Jan 062014
 

In a past life when I used to work for a wireless service provider,  they used a vended application to evaluate how much data bandwidth customers were consuming and that data was sent to the billing system to form the customers’ monthly bills.

The app was a poorly written (imho) and was woefully single-threaded, incapable of leveraging oodles of compute resources that were provided in the form of the twelve two-node VCS/RHEL based clusters. There were two data centers and there was one such “cluster of clusters” at each site.

The physical infrastructure was pretty standard and over-engineered to a certain degree (the infrastructure under consideration having been built in the 2007-2008 timeframe) – DL580 G5 HP servers  with 128GB of RAM each, a pair of gigabit ethernet nics for cluster interconnects, another pair bonded together as public interfaces and 4 x 4GB FC HBAs through Brocade DCX core switches (dual fabric) to an almost dedicated EMC CLaRiiON C4-960.

The application was basically a bunch of processes that watched traffic as it flowed through the network cores and calculated bandwidth usage based on end-user handset IP addresses (i’m watering it down to help keep the narrative fast and fluid).

Each location (separated by about 200+ miles) acted as the fault tolerant component for the other. So, the traffic was cross-fed across the two data centers over a pair of OC12 links.

The application was a series of processes/services that formed a queue across the various machines of each cluster (over TCP ports). The processes within a single physical system too communicated via IP addresses and TCP ports.

The problem we started observing over a few months from the point of deployment was that the data would start queuing up and slow down/skew the calculations of the data usage, implications of which I don’t necessarily have to spell out (ridiculous).

The software  vendor’s standard response would be –

  1. It is not an application problem
  2. The various components of the application would write into FIFO queues on SAN-based filesystems. The vendor would constantly raise the bogey of SAN storage being slow, not enough IOPs being available and/or response time being poor. Their basis of coming up with was with what seemed to be an arbitrary metric of CPU IO Wait percentage rising over 5% (or perhaps even lower at times).
  3. After much deliberation poring over the NAR reports of almost dedicated EMC CX4-960s (and working with EMC), we were able to ascertain that the Storage arrays or the SAN were not in any way contributory towards any latency (that resulted in poor performance of this app).
  4. The processes being woefully single threaded, would barely ever use more than 15%of total CPUs available on the servers (each server having 16 cores at it’s disposal).
  5. Memory usage was nominal and well within acceptable limits
  6. The network throughput wasn’t anywhere near saturation

We decided to start profiling the application (despite great protestations from the vendor) during normal as well as problematic periods, at the layer where we were seeing the issues, as well as the immediately upstream and downstream layers.

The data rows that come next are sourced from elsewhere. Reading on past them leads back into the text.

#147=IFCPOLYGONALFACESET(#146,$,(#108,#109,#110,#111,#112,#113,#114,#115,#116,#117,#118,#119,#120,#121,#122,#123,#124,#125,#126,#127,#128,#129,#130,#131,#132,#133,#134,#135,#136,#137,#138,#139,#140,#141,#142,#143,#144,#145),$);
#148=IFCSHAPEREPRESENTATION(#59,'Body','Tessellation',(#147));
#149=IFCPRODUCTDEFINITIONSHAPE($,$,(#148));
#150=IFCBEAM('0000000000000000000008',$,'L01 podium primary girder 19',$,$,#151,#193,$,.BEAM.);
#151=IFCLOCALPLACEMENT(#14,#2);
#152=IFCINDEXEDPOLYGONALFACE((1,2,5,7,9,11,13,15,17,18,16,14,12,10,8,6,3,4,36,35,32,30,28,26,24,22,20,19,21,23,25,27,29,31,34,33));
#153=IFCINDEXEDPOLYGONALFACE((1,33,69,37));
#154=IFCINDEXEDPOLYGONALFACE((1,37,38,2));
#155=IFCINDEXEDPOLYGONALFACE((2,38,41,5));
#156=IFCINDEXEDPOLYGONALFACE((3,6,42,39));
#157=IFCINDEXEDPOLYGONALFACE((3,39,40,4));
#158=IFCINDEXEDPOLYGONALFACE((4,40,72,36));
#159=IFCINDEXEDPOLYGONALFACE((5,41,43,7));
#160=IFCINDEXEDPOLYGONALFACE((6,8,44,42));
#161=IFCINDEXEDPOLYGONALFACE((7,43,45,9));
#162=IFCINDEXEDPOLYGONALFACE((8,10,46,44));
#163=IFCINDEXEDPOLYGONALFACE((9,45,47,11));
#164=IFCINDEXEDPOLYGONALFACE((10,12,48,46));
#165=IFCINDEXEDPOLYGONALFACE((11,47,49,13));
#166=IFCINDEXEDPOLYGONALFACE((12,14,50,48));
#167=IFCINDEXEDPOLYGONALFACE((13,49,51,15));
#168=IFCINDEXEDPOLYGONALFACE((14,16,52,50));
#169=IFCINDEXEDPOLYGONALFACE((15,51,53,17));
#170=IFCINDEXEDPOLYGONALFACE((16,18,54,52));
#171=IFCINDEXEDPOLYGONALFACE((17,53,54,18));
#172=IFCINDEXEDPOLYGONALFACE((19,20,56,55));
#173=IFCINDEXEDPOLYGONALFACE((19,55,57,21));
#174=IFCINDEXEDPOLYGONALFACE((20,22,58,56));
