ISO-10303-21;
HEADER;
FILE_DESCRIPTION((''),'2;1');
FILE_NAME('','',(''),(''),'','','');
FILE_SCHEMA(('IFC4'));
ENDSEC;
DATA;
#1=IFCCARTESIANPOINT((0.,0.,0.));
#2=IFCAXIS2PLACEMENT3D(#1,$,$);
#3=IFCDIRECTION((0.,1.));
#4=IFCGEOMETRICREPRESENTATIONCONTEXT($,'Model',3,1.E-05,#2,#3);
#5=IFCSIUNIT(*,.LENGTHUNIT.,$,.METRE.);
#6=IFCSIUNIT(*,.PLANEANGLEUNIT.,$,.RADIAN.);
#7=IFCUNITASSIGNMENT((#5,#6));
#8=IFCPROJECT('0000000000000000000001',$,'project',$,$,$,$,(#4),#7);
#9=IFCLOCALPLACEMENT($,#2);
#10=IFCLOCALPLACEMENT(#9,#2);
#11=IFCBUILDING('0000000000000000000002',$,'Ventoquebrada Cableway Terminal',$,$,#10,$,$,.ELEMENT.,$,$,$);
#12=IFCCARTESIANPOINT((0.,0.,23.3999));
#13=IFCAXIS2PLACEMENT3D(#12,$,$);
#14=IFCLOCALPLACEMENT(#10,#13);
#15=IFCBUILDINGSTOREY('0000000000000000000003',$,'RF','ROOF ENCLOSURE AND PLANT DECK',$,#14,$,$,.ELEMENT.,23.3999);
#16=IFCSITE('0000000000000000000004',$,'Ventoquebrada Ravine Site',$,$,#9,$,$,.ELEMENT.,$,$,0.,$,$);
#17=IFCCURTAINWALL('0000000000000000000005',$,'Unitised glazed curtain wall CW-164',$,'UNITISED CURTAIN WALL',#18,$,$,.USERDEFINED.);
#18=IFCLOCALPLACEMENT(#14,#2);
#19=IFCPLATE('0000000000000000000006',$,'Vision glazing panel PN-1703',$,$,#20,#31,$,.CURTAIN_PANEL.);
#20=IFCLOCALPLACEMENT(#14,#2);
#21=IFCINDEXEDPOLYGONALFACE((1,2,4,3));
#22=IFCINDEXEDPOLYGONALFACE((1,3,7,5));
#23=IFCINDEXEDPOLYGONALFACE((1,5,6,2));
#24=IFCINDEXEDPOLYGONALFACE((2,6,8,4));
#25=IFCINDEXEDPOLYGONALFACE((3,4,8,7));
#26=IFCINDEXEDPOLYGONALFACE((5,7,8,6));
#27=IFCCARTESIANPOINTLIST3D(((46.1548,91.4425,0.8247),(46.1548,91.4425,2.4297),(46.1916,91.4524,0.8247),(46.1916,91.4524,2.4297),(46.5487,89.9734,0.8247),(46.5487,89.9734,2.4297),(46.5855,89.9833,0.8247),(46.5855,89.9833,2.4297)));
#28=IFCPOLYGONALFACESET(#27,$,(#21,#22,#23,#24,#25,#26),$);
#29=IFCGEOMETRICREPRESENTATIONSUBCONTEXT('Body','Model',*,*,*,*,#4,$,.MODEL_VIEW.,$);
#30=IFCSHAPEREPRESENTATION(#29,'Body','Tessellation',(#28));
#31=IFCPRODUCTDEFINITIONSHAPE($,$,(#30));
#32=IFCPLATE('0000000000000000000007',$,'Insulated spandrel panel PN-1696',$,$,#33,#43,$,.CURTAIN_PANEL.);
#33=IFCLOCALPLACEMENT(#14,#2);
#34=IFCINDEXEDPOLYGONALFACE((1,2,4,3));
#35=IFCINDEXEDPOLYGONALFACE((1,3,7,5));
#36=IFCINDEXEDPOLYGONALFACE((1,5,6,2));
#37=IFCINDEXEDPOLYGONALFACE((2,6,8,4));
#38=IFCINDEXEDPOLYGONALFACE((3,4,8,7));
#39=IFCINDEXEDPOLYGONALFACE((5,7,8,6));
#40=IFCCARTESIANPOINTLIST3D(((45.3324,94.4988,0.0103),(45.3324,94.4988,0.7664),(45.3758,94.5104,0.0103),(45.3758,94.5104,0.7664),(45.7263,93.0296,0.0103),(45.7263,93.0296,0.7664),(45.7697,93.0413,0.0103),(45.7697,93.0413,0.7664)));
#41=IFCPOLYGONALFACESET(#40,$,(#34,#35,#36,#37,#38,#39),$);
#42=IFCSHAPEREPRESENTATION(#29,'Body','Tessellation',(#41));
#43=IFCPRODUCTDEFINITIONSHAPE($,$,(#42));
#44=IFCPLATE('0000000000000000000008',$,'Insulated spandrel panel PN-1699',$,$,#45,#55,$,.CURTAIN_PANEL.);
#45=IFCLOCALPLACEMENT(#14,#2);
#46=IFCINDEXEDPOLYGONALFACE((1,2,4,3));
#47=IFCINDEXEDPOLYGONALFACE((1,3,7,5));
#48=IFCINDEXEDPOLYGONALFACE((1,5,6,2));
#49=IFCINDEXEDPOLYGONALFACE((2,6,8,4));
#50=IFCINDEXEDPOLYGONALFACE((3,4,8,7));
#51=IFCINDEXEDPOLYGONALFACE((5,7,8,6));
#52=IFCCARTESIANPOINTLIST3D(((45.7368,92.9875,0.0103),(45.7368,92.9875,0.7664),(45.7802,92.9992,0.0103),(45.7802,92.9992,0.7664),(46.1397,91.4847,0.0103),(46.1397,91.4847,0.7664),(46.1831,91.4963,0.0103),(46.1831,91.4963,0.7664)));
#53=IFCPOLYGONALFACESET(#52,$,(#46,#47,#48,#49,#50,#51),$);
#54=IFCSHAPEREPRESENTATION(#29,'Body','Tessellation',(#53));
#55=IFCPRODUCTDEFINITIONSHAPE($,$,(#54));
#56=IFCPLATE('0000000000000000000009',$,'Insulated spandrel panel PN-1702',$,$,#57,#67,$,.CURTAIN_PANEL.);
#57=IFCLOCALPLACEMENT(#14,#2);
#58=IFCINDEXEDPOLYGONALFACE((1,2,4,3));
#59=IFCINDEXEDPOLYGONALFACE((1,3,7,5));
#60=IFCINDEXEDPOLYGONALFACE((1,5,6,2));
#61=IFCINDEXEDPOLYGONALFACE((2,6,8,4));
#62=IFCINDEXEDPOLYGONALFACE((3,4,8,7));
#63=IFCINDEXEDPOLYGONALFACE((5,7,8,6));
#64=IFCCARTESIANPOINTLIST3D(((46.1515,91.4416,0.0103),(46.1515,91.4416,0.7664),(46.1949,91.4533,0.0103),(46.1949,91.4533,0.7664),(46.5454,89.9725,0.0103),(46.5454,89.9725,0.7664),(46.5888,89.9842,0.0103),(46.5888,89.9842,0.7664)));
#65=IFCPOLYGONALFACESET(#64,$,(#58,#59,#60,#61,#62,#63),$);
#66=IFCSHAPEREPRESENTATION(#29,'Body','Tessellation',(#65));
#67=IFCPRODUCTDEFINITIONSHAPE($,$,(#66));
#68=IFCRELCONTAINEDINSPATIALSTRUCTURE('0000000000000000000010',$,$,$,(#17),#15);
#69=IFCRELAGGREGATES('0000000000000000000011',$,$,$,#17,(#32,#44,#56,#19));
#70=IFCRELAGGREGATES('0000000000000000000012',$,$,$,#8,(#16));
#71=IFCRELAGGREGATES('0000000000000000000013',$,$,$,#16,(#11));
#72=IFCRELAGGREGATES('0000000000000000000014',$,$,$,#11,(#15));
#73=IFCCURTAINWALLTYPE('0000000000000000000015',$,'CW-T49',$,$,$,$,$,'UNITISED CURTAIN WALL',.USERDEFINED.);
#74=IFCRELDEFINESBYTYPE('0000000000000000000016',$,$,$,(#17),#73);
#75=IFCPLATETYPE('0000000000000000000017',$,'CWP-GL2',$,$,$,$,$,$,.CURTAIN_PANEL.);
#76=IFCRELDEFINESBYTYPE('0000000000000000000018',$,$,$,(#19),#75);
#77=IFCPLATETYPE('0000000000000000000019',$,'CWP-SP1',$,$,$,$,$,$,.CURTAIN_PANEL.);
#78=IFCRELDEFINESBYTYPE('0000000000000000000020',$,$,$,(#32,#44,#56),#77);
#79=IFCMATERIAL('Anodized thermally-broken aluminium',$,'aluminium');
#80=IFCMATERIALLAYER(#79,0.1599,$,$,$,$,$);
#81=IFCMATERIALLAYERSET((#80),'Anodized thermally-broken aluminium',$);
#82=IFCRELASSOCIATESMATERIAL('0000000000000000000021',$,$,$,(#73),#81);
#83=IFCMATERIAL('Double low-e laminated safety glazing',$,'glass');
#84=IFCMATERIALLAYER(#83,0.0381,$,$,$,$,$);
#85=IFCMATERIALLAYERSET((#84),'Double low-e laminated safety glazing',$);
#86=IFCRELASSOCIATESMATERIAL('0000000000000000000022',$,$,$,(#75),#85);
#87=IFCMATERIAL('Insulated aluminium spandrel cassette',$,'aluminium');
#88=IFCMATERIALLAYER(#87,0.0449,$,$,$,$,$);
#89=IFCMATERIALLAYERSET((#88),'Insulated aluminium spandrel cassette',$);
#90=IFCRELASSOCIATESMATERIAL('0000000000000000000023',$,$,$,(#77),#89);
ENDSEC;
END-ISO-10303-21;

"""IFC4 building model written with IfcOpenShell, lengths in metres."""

from ifc_helpers import new_model, si_unit, direction, frame, origin, origin_2d, place, context, subcontext, project, spatial, rectangle, extrude, material, layer, layer_set, type_object, element, aggregate, save


model = new_model("IFC4")

# Units and contexts
model_context = context("Model", 3, precision=1e-05, world=origin(), true_north=direction((0.0, 1.0)))
body_context = subcontext(model_context, "Body", "Model", "MODEL_VIEW")
ifc_project = project(units=[si_unit("LENGTHUNIT", "METRE"), si_unit("PLANEANGLEUNIT", "RADIAN")], contexts=[model_context])

# Site, building, storey
site_placement = place(None, origin())
site = spatial("IfcSite", under=ifc_project, at=site_placement, Name="Ventoquebrada Ravine Site", CompositionType="ELEMENT", RefElevation=0.0)
building_placement = place(site_placement, origin())
building = spatial("IfcBuilding", under=site, at=building_placement, Name="Ventoquebrada Cableway Terminal", CompositionType="ELEMENT")
storey_placement = place(building_placement, frame((0.0, 0.0, 23.3999)))
storey = spatial("IfcBuildingStorey", under=building, at=storey_placement, Name="RF", Description="ROOF ENCLOSURE AND PLANT DECK", CompositionType="ELEMENT", Elevation=23.3999)

# Shared definitions
ifc_material_1 = material(Name="Anodized thermally-broken aluminium", Category="aluminium")

# Curtain wall
ifc_layer_1 = layer(ifc_material_1, 0.1599)
ifc_layer_set_1 = layer_set([ifc_layer_1], Name="Anodized thermally-broken aluminium")
curtain_wall_type_1 = type_object("IfcCurtainWallType", Name="CW-T49", ElementType="UNITISED CURTAIN WALL", PredefinedType="USERDEFINED", material=ifc_layer_set_1)
curtain_wall_1_placement = place(storey_placement, origin())
curtain_wall_1 = element("IfcCurtainWall", 1, at=curtain_wall_1_placement, inside=storey, type_object=curtain_wall_type_1, Name="Unitised glazed curtain wall CW-164", ObjectType="UNITISED CURTAIN WALL", PredefinedType="USERDEFINED")

# Plates
ifc_material_2 = material(Name="Double low-e laminated safety glazing", Category="glass")
ifc_layer_2 = layer(ifc_material_2, 0.0381)
ifc_layer_set_2 = layer_set([ifc_layer_2], Name="Double low-e laminated safety glazing")
plate_type_1 = type_object("IfcPlateType", Name="CWP-GL2", PredefinedType="CURTAIN_PANEL", material=ifc_layer_set_2)
plate_1_placement = place(storey_placement, frame((46.3701, 90.7129, 0.8247), z_axis=(0.0, 0.0, 1.0), x_axis=(0.258971, -0.965885, 0.0)))
plate_1 = element("IfcPlate", 2, at=plate_1_placement, type_object=plate_type_1, Name="Vision glazing panel PN-1703", PredefinedType="CURTAIN_PANEL", context=body_context, shape_type="SweptSolid", body=[
    extrude(rectangle(XDim=1.521, YDim=0.0381, at=origin_2d()), origin(), (0.0, 0.0, 1.0), 1.605),
])
ifc_material_3 = material(Name="Insulated aluminium spandrel cassette", Category="aluminium")
ifc_layer_3 = layer(ifc_material_3, 0.0449)
ifc_layer_set_3 = layer_set([ifc_layer_3], Name="Insulated aluminium spandrel cassette")
plate_type_2 = type_object("IfcPlateType", Name="CWP-SP1", PredefinedType="CURTAIN_PANEL", material=ifc_layer_set_3)
plate_2_placement = place(storey_placement, frame((45.551, 93.77, 0.0103), z_axis=(0.0, 0.0, 1.0), x_axis=(0.258971, -0.965885, 0.0)))
plate_2 = element("IfcPlate", 3, at=plate_2_placement, type_object=plate_type_2, Name="Insulated spandrel panel PN-1696", PredefinedType="CURTAIN_PANEL", context=body_context, shape_type="SweptSolid", body=[
    extrude(rectangle(XDim=1.521, YDim=0.0449, at=origin_2d()), origin(), (0.0, 0.0, 1.0), 0.7561),
])
plate_3_placement = place(storey_placement, frame((45.96, 92.2419, 0.0103), z_axis=(0.0, 0.0, 1.0), x_axis=(0.258971, -0.965885, 0.0)))
plate_3 = element("IfcPlate", 4, at=plate_3_placement, type_object=plate_type_2, Name="Insulated spandrel panel PN-1699", PredefinedType="CURTAIN_PANEL", context=body_context, shape_type="SweptSolid", body=[
    extrude(rectangle(XDim=1.5559, YDim=0.0449, at=origin_2d()), origin(), (0.0, 0.0, 1.0), 0.7561),
])
plate_4_placement = place(storey_placement, frame((46.3701, 90.7129, 0.0103), z_axis=(0.0, 0.0, 1.0), x_axis=(0.258971, -0.965885, 0.0)))
plate_4 = element("IfcPlate", 5, at=plate_4_placement, type_object=plate_type_2, Name="Insulated spandrel panel PN-1702", PredefinedType="CURTAIN_PANEL", context=body_context, shape_type="SweptSolid", body=[
    extrude(rectangle(XDim=1.521, YDim=0.0449, at=origin_2d()), origin(), (0.0, 0.0, 1.0), 0.7561),
])
aggregate(curtain_wall_1, [plate_2, plate_3, plate_4, plate_1])

save(model, "model.ifc")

What we observed was that:

  1. Under normal circumstances, the app would be spending most of it’s time in either read, write, send or recv syscalls
  2. When app was performing poorly, it would spend most of it’s time in the poll syscall. It became apparent that it was waiting on TCP sockets from app instances in the remote site (and issue was bidirectional).

 

Once this bit of information was carefully vetted out and provided to the vendor, then they decided to provide us with the minimal throughput requirements – they needed a minimum of 30mbps throughput. The assumption made was that on an OC12 (bw of 622mbps), 30mbps was quite achievable.

However, it so turns out that latency plays a huge role in the actual throughput on a WAN connection! (*sarcasm alert*)

The average RTT between the two sites was 30ms. Given that the servers were running RHEL 4.6, for the default TCP send and recv buffer sizes of 64K (untuned), the 30ms RTT resulted in a max throughput of about 17mbps.

It turns out that methodologies we (*NIX admins) would use to generate some network traffic and measure “throughput” with, aren’t necessarily equipped to handle wide area networks. For example, SSH has an artificial bottleneck in it’s code, that throttles the TCP window size to a default of 64K (in the version of OpenSSH we were using at that time) – as hardcoded in the channels.h file. Initial tests were indeed baffling, since we would never cross a 22mbps throughput on the WAN. After a little research we realized that all the default TCP window sizes (for passive ftp, scp, etc) were not really tuned for high RTT connections.

Thus begun the process of tweaking the buffer sizes, and generating synthetic loads using iperf.

After we established that the default TCP buffer sizes were inadequate, we calculated buffer sizes required to provide at least a 80mbps throughput, and implemented then across the environment. The queuing stopped immediately after.